I've been trying to prove this fact and would be interested in someone could help me out. I have included an attempt at a proof that I don't think is completely correct but I think it could possibly be made to work.
Let $R$ be a left Artinian (not assumed to be commutative) ring with $P$ a prime ideal of $R$ and let $J$ be the Jacobson radical of $R$. Then $J$ is nilpotent since $R$ is left Artinian and so there exists some $k$ with $J^{k} = 0 \subseteq P$, and so $J \subseteq P$ since $J$ is a two-sided ideal of $R$ and $P$ is prime. Now, let $\chi$ be the set of finite intersections of maximal left ideals of $R$. Then since $R$ is left Artinian and $\chi$ is non-empty, it contains a minimal element $M = M_1 \cap \dots \cap M_k$ say, for $M_i$ some maximal ideals of $R$. Then if $M'$ is any other maximal ideal, $M' \cap M \in \chi$ and $M' \cap M \subseteq M$ and so in fact $M' = M$. But then $M$ is the intersection of all maximal ideals of $R$ since it contains every maximal ideal and is an intersection of maximal ideals. But this is exactly the statement that $M = J$ and so then
$$
M_1 \cdot \ldots \cdot M_k \subseteq M_1 \cap \dots\cap M_k = M = J \subseteq P.
$$
Now I would like to conclude, using primality of $P$, that at least one of the $M_i \subseteq P$ but the definition of prime ideal in a non-commutative ring states that whenever $I,J$ are two-sided ideals with $IJ \subseteq P$ we have either $I \subseteq P$ or $J \subseteq P$. The issue here is that the $M_i$ are only assumed to be left ideals.

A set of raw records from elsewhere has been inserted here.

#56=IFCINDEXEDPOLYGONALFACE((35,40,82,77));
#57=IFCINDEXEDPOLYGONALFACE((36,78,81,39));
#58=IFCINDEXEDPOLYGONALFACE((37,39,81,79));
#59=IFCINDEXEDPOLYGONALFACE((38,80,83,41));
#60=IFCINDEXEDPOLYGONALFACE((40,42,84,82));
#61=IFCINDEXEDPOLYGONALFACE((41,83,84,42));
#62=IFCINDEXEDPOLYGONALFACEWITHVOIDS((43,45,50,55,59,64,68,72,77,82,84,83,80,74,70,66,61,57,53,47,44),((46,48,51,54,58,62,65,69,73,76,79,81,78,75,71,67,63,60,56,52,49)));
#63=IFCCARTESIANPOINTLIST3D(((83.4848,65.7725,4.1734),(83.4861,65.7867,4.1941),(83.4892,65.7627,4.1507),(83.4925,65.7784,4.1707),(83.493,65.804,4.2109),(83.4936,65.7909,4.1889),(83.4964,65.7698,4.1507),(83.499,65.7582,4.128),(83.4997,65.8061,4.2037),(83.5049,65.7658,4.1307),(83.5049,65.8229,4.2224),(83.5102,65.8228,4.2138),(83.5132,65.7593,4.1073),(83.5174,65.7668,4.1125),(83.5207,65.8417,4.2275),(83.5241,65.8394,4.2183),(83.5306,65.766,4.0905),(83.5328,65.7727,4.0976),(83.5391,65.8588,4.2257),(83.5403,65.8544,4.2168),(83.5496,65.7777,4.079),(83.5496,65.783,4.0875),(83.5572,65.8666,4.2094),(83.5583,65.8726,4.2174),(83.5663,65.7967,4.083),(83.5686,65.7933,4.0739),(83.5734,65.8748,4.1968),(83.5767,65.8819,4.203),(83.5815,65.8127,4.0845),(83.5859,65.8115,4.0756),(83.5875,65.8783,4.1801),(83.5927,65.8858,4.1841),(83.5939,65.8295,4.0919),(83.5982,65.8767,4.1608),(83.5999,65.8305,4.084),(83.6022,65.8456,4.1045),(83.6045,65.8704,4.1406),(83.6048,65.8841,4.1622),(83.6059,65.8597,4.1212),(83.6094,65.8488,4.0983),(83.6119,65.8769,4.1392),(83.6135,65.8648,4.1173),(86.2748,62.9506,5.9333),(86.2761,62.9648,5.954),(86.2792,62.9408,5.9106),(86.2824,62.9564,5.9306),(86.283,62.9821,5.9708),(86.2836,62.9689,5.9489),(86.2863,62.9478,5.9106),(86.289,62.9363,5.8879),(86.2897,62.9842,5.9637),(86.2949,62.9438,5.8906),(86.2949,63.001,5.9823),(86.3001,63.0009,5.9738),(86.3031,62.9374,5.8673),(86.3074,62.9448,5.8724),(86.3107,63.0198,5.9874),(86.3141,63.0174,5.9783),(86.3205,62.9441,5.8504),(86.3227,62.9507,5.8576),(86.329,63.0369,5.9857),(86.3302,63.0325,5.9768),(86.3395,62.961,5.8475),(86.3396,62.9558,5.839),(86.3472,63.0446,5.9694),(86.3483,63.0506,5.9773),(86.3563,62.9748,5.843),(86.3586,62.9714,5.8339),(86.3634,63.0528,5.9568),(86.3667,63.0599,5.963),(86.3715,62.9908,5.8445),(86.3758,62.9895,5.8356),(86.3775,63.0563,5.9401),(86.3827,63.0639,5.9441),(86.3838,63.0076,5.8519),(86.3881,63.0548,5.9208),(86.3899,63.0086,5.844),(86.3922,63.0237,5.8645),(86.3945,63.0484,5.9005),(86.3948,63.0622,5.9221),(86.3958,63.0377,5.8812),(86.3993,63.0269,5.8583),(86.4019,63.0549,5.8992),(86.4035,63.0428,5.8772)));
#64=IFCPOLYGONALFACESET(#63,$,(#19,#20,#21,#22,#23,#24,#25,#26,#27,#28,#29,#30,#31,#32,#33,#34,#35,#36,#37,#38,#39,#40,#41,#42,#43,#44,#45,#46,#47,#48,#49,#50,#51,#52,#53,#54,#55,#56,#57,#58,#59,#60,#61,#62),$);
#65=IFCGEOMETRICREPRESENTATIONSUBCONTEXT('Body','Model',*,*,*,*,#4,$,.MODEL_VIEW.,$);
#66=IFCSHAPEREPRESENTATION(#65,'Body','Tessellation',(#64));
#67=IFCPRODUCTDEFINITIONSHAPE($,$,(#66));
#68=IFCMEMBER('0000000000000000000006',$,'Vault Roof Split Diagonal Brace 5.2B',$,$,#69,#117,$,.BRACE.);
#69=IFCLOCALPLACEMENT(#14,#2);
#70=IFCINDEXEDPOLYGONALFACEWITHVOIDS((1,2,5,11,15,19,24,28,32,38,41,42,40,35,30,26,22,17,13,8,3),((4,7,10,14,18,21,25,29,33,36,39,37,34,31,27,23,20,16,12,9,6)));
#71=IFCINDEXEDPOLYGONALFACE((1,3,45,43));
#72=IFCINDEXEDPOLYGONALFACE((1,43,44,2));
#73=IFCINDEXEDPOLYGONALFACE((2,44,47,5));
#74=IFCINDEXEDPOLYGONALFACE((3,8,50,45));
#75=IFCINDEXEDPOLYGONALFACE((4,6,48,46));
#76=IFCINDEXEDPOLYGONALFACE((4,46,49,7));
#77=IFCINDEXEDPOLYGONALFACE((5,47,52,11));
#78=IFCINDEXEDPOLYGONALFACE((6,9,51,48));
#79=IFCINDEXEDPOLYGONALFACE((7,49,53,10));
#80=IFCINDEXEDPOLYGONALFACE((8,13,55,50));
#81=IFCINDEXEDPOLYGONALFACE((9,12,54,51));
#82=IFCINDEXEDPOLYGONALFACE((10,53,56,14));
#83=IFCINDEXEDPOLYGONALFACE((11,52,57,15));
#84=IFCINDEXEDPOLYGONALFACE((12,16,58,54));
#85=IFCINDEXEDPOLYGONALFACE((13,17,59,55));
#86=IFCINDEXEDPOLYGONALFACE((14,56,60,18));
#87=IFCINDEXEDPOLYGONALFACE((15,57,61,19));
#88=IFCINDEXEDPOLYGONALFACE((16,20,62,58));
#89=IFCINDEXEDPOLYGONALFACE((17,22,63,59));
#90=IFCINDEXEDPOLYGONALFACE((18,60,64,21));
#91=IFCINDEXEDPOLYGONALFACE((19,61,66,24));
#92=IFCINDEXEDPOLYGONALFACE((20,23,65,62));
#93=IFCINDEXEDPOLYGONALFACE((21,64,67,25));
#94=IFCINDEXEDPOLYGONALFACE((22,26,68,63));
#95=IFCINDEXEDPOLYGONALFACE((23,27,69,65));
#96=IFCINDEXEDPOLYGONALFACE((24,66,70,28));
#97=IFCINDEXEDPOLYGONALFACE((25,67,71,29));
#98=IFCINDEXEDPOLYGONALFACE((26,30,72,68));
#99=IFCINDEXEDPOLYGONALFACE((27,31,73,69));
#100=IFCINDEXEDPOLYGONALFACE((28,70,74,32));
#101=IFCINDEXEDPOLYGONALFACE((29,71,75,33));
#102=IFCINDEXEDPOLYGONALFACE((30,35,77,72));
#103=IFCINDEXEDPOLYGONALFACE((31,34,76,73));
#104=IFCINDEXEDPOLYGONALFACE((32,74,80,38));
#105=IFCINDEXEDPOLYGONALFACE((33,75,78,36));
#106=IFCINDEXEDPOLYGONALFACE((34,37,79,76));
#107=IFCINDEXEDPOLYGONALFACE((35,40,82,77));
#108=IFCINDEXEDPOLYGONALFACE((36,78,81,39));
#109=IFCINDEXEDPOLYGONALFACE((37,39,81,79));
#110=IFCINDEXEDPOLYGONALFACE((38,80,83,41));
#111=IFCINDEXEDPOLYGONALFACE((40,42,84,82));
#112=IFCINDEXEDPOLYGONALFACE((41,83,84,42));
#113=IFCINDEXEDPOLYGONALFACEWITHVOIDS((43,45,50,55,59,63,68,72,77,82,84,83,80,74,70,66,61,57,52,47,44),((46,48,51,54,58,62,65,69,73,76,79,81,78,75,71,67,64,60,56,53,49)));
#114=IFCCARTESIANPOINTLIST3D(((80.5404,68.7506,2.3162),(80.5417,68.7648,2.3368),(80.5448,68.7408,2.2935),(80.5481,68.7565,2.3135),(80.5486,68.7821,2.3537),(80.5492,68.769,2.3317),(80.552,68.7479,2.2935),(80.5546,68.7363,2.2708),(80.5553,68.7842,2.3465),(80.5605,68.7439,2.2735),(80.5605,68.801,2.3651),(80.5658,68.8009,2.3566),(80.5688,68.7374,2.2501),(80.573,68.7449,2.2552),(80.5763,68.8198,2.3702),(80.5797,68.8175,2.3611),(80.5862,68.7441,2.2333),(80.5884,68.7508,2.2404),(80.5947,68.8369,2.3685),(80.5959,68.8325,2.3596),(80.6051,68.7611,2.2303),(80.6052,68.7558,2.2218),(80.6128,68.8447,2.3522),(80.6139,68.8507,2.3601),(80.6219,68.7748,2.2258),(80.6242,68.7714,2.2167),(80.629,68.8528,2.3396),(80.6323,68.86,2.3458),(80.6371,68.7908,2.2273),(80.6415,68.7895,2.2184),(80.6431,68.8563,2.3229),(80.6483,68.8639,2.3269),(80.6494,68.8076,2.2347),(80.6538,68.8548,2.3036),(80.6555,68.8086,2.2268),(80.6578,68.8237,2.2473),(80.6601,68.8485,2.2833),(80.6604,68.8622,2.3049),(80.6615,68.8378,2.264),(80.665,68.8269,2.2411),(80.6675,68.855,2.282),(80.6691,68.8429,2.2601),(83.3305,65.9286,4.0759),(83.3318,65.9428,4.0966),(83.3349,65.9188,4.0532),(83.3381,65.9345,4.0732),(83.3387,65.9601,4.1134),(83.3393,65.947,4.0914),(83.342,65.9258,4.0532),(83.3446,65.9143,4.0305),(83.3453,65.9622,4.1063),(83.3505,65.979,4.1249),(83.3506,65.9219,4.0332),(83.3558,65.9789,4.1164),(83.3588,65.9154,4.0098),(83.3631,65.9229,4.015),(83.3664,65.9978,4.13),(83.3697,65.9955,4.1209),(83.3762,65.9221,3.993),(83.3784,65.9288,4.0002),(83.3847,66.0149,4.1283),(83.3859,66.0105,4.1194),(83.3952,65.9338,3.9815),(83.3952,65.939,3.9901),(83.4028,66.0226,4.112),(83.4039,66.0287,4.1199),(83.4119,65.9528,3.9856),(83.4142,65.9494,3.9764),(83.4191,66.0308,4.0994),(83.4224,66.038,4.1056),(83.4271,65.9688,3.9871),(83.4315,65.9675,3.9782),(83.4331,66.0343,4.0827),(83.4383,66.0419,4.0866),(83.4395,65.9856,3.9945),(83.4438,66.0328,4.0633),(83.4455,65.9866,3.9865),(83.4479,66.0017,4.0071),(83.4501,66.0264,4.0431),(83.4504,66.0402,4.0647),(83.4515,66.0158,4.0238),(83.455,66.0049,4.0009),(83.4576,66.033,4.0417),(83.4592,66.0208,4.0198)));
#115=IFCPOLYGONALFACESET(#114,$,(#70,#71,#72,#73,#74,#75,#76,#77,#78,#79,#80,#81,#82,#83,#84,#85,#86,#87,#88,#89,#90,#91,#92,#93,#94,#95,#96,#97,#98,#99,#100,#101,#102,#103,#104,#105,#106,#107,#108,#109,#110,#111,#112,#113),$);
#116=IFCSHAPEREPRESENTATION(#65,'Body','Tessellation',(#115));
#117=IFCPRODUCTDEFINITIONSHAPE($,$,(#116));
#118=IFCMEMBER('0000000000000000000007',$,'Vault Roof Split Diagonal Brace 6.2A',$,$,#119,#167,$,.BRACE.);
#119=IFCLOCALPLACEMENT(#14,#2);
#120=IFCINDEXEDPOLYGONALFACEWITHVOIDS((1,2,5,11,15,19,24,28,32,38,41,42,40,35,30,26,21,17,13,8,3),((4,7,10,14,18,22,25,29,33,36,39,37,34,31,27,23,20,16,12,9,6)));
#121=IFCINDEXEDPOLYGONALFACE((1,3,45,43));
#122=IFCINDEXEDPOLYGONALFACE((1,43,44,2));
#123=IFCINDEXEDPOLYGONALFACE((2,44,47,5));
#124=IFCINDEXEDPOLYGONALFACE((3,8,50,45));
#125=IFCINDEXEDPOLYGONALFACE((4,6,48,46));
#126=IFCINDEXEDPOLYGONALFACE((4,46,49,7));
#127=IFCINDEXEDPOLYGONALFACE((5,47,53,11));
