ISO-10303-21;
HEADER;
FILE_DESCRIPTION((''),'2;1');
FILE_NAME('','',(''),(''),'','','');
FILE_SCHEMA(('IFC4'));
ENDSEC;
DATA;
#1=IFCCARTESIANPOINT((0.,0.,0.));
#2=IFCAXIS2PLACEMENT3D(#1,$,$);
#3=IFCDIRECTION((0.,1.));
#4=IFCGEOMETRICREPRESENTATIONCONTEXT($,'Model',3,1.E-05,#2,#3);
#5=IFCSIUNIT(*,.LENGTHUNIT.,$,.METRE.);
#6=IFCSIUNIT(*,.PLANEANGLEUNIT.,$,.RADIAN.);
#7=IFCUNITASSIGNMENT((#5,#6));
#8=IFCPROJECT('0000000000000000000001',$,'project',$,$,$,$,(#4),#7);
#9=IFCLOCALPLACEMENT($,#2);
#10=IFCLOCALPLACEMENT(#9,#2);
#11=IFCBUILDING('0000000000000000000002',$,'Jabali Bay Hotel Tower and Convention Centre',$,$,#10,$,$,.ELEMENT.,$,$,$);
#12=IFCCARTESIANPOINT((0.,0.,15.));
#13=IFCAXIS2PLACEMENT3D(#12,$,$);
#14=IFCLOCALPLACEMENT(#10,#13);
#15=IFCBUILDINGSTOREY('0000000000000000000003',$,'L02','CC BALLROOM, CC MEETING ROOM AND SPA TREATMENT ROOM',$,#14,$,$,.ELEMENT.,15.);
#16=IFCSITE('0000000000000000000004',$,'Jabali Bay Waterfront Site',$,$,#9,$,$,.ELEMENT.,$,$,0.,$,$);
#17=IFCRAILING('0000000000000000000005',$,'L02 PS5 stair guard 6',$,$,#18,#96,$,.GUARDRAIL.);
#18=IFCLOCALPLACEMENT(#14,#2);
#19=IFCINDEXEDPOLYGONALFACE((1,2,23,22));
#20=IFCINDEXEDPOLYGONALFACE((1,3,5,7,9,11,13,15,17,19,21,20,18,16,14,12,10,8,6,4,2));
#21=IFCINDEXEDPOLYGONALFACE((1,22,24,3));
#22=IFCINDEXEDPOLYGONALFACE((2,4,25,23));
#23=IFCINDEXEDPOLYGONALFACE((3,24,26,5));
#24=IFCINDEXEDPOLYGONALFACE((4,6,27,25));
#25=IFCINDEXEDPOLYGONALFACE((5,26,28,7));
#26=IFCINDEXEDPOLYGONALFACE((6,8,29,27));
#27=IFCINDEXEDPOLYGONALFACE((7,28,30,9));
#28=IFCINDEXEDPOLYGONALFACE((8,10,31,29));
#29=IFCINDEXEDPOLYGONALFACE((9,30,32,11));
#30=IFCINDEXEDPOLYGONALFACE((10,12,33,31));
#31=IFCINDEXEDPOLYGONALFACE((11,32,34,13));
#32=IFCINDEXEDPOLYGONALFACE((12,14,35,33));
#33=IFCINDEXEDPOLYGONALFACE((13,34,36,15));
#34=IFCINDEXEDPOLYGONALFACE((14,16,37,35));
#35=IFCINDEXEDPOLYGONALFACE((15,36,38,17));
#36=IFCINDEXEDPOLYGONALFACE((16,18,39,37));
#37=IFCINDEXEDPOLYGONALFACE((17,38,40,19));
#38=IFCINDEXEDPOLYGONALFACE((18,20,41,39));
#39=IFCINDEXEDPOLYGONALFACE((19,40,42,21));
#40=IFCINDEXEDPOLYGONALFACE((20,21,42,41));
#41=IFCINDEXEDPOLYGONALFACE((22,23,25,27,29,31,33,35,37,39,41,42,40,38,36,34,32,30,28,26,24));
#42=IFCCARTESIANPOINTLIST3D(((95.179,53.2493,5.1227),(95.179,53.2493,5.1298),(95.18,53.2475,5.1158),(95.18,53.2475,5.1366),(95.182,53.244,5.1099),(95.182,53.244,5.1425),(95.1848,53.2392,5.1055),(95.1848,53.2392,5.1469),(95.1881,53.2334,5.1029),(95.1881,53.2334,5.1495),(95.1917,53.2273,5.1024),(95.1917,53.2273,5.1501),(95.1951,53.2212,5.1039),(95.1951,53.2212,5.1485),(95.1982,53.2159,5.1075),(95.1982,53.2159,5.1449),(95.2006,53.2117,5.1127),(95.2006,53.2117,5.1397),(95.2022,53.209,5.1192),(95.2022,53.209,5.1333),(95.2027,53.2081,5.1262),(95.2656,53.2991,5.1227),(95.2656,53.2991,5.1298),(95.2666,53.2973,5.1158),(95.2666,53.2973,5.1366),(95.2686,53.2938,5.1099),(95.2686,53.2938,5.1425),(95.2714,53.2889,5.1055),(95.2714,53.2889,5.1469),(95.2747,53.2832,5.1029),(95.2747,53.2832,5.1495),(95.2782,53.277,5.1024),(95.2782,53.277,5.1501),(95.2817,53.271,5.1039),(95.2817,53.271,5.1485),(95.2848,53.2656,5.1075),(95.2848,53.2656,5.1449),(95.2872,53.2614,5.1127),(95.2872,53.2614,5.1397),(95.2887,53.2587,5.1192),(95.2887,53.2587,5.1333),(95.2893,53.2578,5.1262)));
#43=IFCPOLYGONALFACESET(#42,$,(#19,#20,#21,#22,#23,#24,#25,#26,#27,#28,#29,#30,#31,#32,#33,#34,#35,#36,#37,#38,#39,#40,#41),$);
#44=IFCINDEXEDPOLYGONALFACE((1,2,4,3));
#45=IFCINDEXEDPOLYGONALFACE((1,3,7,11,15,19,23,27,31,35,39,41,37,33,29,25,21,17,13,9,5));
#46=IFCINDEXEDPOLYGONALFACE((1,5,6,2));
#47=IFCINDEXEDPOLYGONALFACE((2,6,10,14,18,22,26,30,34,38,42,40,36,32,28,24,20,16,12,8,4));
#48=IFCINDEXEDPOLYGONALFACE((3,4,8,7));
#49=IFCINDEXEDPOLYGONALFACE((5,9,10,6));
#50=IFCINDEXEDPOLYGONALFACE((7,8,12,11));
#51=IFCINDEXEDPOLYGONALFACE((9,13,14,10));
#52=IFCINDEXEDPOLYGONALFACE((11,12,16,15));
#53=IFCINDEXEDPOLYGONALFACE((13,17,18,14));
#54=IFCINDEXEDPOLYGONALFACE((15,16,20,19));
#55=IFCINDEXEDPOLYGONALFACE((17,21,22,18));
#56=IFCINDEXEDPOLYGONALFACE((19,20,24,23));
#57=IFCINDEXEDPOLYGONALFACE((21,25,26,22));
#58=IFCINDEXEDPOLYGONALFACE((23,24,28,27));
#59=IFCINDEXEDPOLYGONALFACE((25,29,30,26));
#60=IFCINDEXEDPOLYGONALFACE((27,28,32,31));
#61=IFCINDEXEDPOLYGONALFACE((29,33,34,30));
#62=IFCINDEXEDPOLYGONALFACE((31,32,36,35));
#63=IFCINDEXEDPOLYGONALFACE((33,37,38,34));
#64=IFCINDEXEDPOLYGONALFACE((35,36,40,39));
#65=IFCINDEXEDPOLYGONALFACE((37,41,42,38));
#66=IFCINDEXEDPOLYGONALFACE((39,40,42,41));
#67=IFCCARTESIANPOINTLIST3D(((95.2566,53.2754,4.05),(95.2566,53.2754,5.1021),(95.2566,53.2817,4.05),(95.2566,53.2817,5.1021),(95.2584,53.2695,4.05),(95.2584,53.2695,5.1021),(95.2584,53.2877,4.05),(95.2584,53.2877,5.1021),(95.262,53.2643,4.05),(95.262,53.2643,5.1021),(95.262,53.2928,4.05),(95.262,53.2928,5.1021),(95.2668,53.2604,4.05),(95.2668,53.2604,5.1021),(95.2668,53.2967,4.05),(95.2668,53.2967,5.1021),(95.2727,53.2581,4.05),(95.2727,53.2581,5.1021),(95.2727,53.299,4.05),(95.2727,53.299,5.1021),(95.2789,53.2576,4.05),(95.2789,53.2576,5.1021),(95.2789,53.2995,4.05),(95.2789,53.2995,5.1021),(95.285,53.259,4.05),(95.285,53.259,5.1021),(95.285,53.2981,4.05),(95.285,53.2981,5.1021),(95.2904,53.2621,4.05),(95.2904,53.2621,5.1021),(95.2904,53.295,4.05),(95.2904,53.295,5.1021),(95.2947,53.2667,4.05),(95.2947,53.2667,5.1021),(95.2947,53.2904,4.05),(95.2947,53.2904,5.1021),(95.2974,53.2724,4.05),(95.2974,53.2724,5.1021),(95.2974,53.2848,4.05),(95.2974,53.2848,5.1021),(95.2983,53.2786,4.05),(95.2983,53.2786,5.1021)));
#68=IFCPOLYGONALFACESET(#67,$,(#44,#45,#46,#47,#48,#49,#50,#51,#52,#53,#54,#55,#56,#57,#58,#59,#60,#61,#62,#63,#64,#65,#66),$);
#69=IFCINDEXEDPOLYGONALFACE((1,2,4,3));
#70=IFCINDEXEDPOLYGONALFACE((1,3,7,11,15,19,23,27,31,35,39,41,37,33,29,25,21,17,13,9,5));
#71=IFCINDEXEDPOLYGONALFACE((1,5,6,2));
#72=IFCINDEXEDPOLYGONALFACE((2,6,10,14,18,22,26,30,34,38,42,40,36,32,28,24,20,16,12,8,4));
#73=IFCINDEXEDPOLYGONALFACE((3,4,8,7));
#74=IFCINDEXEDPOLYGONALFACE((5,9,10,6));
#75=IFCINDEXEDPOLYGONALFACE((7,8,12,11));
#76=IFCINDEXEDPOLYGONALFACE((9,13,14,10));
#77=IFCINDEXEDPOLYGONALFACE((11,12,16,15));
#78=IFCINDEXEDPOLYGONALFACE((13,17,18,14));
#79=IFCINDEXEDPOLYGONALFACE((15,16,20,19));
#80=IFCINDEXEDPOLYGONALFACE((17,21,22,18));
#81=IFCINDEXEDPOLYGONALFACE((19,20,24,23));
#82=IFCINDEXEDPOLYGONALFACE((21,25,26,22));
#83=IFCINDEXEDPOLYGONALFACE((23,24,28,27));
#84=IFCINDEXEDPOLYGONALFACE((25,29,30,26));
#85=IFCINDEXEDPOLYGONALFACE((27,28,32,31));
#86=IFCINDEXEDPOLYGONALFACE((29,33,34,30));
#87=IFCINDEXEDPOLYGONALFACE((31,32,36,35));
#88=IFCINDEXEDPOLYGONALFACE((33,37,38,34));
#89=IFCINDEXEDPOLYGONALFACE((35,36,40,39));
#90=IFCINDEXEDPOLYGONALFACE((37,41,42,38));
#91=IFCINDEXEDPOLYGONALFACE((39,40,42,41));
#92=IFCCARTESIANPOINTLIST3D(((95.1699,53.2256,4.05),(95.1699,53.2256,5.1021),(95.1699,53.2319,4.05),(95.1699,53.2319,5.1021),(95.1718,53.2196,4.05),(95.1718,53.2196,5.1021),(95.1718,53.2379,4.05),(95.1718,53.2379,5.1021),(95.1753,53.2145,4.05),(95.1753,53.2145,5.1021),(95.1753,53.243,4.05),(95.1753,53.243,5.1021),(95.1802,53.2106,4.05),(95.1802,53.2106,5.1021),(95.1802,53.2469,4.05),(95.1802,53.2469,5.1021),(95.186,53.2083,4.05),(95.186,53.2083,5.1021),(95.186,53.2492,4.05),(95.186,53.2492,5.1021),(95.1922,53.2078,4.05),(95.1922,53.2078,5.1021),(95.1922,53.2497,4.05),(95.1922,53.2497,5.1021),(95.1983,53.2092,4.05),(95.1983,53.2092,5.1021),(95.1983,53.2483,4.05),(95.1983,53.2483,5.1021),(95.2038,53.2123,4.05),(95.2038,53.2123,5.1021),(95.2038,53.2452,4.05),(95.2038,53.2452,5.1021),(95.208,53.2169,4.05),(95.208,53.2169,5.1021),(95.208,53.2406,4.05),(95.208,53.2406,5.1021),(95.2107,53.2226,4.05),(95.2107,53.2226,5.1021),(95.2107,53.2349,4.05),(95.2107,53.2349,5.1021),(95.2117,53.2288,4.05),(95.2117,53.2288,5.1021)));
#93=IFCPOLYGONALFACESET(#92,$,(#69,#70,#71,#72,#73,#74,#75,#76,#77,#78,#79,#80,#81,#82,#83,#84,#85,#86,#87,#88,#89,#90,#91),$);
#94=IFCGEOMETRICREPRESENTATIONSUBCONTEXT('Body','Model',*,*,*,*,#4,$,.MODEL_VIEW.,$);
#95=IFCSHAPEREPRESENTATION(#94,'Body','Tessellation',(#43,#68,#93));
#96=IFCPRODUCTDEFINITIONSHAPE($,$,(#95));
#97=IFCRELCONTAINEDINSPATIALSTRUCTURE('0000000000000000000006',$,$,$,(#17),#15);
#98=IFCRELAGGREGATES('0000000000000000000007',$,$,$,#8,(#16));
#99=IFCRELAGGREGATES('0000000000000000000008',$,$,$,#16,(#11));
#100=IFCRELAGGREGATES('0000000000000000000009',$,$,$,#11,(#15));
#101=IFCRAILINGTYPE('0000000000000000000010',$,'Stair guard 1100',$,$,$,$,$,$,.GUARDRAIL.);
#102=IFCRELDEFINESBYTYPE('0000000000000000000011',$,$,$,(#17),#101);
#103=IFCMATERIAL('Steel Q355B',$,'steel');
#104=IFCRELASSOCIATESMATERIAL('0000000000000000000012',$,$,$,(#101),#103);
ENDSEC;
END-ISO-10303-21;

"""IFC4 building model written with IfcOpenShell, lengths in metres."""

from ifc_helpers import new_model, si_unit, direction, frame, origin, origin_2d, place, context, subcontext, project, spatial, circle, extrude, material, type_object, element, save


model = new_model("IFC4")

# Units and contexts
model_context = context("Model", 3, precision=1e-05, world=origin(), true_north=direction((0.0, 1.0)))
body_context = subcontext(model_context, "Body", "Model", "MODEL_VIEW")
ifc_project = project(units=[si_unit("LENGTHUNIT", "METRE"), si_unit("PLANEANGLEUNIT", "RADIAN")], contexts=[model_context])

# Site, building, storey
site_placement = place(None, origin())
site = spatial("IfcSite", under=ifc_project, at=site_placement, Name="Jabali Bay Waterfront Site", CompositionType="ELEMENT", RefElevation=0.0)
building_placement = place(site_placement, origin())
building = spatial("IfcBuilding", under=site, at=building_placement, Name="Jabali Bay Hotel Tower and Convention Centre", CompositionType="ELEMENT")
storey_placement = place(building_placement, frame((0.0, 0.0, 15.0)))
storey = spatial("IfcBuildingStorey", under=building, at=storey_placement, Name="L02", Description="CC BALLROOM, CC MEETING ROOM AND SPA TREATMENT ROOM", CompositionType="ELEMENT", Elevation=15.0)

# Railing
ifc_material_1 = material(Name="Steel Q355B", Category="steel")
railing_type_1 = type_object("IfcRailingType", Name="Stair guard 1100", PredefinedType="GUARDRAIL", material=ifc_material_1)
railing_1_placement = place(storey_placement, frame((95.2773, 53.2786, 4.05)))
element("IfcRailing", 1, at=railing_1_placement, inside=storey, type_object=railing_type_1, Name="L02 PS5 stair guard 6", PredefinedType="GUARDRAIL", context=body_context, shape_type="SweptSolid", body=[
    extrude(circle(Radius=0.0239, at=origin_2d()), frame((0.0, 0.0, 1.0762), z_axis=(-0.867038, -0.498242, 0.0), x_axis=(0.498242, -0.867038, 0.0)), (0.0, 0.0, 1.0), 0.0999),
    extrude(circle(Radius=0.021, at=origin_2d()), origin(), (0.0, 0.0, 1.0), 1.052),
    extrude(circle(Radius=0.021, at=origin_2d()), frame((-0.0867, -0.0498, 0.0)), (0.0, 0.0, 1.0), 1.052),
])

save(model, "model.ifc")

The wikipedia article for prime ideals states that we can drop the condition that $I,J$ are two-sided and instead only require that they are ideals on the same side, and the resulting definition is equivalent, but I haven't seen this and I'm unsure how to prove this fact. Is there a way to avoid this?
Edit: I think there is another issue with this argument. I don't think I can argue that $M_1 \cdot \ldots \cdot M_k \subseteq M_1 \cap \dots \cap M_k$ if we are only assuming that the $M_i$ are left ideals. So it seems like this style of attempt is doomed?
Best Answer
You’re right, the intersection can be different from the product. Just consider the left ideals of $R=M_2(F)$ given by $Re_{11}$ and $Re_{22}$. So that does not hold at all, even in a simple ring.
But surely you’ve covered the proposition that an Artinian prime ring is simple? From that, it is easy, because for any prime ideal $P$ in a left Artinian ring, $R/P$ is simple, hence $P$ is maximal.